Fracture Behavior of Adhesively Repaired Cracked Plate

为了提高含裂纹构件的承载能力,减少灾难性破坏事故的发生,近年来Jones等用胶粘剂将纤维增强复合材料胶接在构件中的裂纹部位,对飞机结构进行了成功的止裂。由于问题的复杂性,这类局部补强结构的应力强度因子,至今仍无解析解。作者用金属补钉代替纤维增强复合材料,用电测法研究了中心穿透裂纹试样补强后的应变场。试验表明:局部区域用补钉胶接后,平板中的裂纹扩展仍具有原有穿透裂纹的性质。由此,作者提出了等效应力强度因子,并根据实测的应变值,计算了等效应力强度因子。结果指出胶接金属补钉后,裂纹尖端处的应力强度因子可大幅度地降低;其承载能力较补强前提高50～90％。

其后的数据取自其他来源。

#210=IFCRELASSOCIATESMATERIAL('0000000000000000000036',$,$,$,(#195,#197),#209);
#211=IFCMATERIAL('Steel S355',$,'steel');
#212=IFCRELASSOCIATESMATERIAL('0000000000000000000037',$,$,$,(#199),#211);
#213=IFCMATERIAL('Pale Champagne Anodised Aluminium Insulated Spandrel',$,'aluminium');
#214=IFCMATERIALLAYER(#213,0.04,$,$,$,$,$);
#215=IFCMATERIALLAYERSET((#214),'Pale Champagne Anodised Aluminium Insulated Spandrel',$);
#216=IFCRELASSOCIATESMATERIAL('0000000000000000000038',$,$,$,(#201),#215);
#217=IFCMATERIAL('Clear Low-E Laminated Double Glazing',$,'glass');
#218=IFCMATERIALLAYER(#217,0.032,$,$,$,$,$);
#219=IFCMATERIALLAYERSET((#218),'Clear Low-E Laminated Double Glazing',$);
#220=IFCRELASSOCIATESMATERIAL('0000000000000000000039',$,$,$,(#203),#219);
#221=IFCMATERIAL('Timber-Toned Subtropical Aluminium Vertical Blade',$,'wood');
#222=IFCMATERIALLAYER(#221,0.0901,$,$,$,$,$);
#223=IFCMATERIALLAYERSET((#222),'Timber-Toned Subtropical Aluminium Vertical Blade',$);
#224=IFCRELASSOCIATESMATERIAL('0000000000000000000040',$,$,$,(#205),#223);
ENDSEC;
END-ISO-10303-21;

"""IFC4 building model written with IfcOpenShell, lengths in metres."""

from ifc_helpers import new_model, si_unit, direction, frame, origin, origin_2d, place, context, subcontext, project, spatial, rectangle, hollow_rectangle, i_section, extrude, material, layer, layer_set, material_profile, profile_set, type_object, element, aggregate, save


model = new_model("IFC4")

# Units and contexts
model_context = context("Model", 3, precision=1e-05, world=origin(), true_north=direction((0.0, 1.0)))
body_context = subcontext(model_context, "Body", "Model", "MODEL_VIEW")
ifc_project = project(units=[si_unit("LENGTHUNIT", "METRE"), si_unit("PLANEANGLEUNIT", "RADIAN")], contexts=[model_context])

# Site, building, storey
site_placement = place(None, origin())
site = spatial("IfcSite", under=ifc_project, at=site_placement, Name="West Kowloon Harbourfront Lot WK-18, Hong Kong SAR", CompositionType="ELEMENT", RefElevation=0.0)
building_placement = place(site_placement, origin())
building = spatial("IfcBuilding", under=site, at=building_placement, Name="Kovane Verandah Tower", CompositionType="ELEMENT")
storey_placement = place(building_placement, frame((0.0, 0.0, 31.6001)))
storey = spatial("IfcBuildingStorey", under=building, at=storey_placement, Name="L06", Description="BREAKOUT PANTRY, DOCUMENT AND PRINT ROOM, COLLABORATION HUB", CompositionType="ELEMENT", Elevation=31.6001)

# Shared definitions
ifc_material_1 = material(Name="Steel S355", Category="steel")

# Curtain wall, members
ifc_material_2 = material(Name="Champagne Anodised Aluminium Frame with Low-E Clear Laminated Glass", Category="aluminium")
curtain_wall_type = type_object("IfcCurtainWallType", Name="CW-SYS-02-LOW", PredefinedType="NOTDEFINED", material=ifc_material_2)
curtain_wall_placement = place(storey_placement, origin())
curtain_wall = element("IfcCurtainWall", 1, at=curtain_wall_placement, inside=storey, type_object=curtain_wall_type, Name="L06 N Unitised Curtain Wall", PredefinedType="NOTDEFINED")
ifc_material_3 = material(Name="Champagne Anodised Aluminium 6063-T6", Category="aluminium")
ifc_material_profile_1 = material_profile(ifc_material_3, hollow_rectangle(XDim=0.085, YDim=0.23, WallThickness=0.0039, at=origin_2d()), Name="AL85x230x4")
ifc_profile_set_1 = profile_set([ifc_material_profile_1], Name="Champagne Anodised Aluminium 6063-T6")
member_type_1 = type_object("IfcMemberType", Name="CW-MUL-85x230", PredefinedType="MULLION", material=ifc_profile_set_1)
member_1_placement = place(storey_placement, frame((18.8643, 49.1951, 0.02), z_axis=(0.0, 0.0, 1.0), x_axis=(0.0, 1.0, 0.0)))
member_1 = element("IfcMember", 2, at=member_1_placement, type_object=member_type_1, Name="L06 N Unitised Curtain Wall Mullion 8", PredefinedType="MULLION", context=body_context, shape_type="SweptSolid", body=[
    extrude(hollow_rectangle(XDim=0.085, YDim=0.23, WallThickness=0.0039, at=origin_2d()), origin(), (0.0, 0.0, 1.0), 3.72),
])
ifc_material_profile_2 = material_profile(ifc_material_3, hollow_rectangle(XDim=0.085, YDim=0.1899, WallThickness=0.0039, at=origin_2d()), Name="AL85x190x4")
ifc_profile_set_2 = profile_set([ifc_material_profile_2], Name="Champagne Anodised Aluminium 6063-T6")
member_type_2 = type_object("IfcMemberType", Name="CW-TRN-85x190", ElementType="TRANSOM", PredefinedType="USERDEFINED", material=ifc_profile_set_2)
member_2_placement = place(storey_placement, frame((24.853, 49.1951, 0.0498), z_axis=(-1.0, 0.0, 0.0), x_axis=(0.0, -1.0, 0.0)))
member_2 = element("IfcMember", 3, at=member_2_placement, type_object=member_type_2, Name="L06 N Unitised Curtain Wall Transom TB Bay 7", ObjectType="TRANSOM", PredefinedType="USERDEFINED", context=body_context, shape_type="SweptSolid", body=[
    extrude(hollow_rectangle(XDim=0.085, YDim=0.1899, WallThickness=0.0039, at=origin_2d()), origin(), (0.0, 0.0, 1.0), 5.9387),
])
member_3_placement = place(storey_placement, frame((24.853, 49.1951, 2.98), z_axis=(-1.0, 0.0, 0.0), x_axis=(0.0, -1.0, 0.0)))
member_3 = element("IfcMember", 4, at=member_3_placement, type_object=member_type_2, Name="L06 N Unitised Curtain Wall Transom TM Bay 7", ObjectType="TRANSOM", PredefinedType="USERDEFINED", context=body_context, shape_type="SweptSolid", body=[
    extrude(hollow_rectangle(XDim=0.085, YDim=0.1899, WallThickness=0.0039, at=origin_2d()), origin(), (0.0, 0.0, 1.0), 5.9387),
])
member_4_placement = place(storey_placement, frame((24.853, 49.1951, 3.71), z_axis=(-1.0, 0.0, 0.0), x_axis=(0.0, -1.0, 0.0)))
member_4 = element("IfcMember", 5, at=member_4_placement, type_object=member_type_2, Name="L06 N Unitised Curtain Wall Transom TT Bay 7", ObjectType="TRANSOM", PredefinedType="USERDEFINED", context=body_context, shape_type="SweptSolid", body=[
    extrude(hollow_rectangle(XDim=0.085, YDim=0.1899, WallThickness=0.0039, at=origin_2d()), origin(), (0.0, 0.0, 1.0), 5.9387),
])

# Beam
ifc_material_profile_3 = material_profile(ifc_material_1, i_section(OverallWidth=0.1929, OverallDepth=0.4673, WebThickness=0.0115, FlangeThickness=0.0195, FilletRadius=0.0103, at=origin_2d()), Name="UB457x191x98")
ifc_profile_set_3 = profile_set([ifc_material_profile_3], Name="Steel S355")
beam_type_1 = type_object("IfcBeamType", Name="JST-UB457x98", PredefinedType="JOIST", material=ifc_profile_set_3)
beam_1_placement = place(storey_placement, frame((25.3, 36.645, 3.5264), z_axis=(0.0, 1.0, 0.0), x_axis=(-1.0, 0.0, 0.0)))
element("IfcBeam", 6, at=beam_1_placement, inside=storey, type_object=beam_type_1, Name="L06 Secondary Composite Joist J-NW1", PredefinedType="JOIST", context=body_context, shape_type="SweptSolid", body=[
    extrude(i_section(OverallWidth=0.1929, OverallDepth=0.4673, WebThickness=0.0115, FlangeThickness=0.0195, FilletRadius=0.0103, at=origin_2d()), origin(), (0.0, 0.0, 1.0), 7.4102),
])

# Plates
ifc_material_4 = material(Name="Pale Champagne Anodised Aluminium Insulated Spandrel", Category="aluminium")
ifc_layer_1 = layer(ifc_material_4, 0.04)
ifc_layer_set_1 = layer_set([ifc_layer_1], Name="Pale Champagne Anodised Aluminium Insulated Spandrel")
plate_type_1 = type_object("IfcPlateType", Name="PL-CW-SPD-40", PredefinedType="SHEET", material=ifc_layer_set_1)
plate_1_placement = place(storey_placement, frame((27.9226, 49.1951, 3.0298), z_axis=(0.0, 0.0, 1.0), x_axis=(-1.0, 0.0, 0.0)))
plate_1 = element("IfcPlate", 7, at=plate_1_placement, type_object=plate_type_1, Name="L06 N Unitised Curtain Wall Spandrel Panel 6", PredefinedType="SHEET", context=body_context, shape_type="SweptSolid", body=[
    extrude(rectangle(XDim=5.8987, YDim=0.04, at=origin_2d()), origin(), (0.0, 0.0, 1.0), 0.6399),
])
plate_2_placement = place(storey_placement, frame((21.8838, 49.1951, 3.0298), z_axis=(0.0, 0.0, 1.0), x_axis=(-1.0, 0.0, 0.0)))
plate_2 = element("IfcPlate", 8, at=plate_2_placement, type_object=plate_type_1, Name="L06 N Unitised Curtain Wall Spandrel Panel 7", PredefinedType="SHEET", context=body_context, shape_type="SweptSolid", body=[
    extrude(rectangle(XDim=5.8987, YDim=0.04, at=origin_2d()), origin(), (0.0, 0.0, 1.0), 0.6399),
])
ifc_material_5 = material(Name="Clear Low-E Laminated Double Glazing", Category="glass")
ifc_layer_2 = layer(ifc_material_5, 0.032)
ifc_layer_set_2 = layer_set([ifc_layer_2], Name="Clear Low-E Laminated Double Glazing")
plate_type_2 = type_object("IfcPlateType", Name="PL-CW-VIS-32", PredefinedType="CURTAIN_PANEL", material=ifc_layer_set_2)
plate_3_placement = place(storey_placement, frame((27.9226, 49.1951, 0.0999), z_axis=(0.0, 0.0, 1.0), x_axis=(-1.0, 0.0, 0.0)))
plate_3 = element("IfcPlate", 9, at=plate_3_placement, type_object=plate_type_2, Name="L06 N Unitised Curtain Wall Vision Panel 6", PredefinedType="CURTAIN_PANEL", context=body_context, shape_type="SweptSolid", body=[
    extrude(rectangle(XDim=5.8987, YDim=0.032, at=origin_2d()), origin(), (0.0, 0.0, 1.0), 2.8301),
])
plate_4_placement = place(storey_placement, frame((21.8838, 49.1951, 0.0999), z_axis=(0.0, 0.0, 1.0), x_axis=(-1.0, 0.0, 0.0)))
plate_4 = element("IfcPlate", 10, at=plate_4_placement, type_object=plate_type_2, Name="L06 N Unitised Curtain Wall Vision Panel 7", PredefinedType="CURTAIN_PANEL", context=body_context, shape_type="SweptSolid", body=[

Crack initiates and propagates in metallic aircraft structure. When one of these cracks reaches the critical size, catastrophic failure results. The advent of composites and high performance adhesives has led to much experimentation on repairing cracked metals with composite patches. But actual repairing of aircraft structure with composite patch has been, to the authors' best knowledge, only done by Jones[1]. Jones' method's shortcoming appears to be that it is expensive and requires too much labor. The authors believe that the contribution of the present paper is the overcoming of Jones' methods' shortcoming. The authors' experiments, using metal bonded patch, show that this shortcoming can be successfully overcome. As with Jones 'method, the authors' method makes patched metal plate more ductile than unpatched plate; furthermore, the authors' method increases the loadcarrying capacity of patched plate by 50—90%(the same or a little higher that of Jones' method[12]) as compared with that of unpatched plate. Thus, catastrophic failure can be delayed by the method of patching. Of course the actual application of the authors' method to repairing of aircraft structure cracks remains to be done. The authors employ strain gauges to determine the equivalent stress intensity factor instead of determining it with photoelasticity or finite element method. The authors believe that employing strain gauge is more convenient.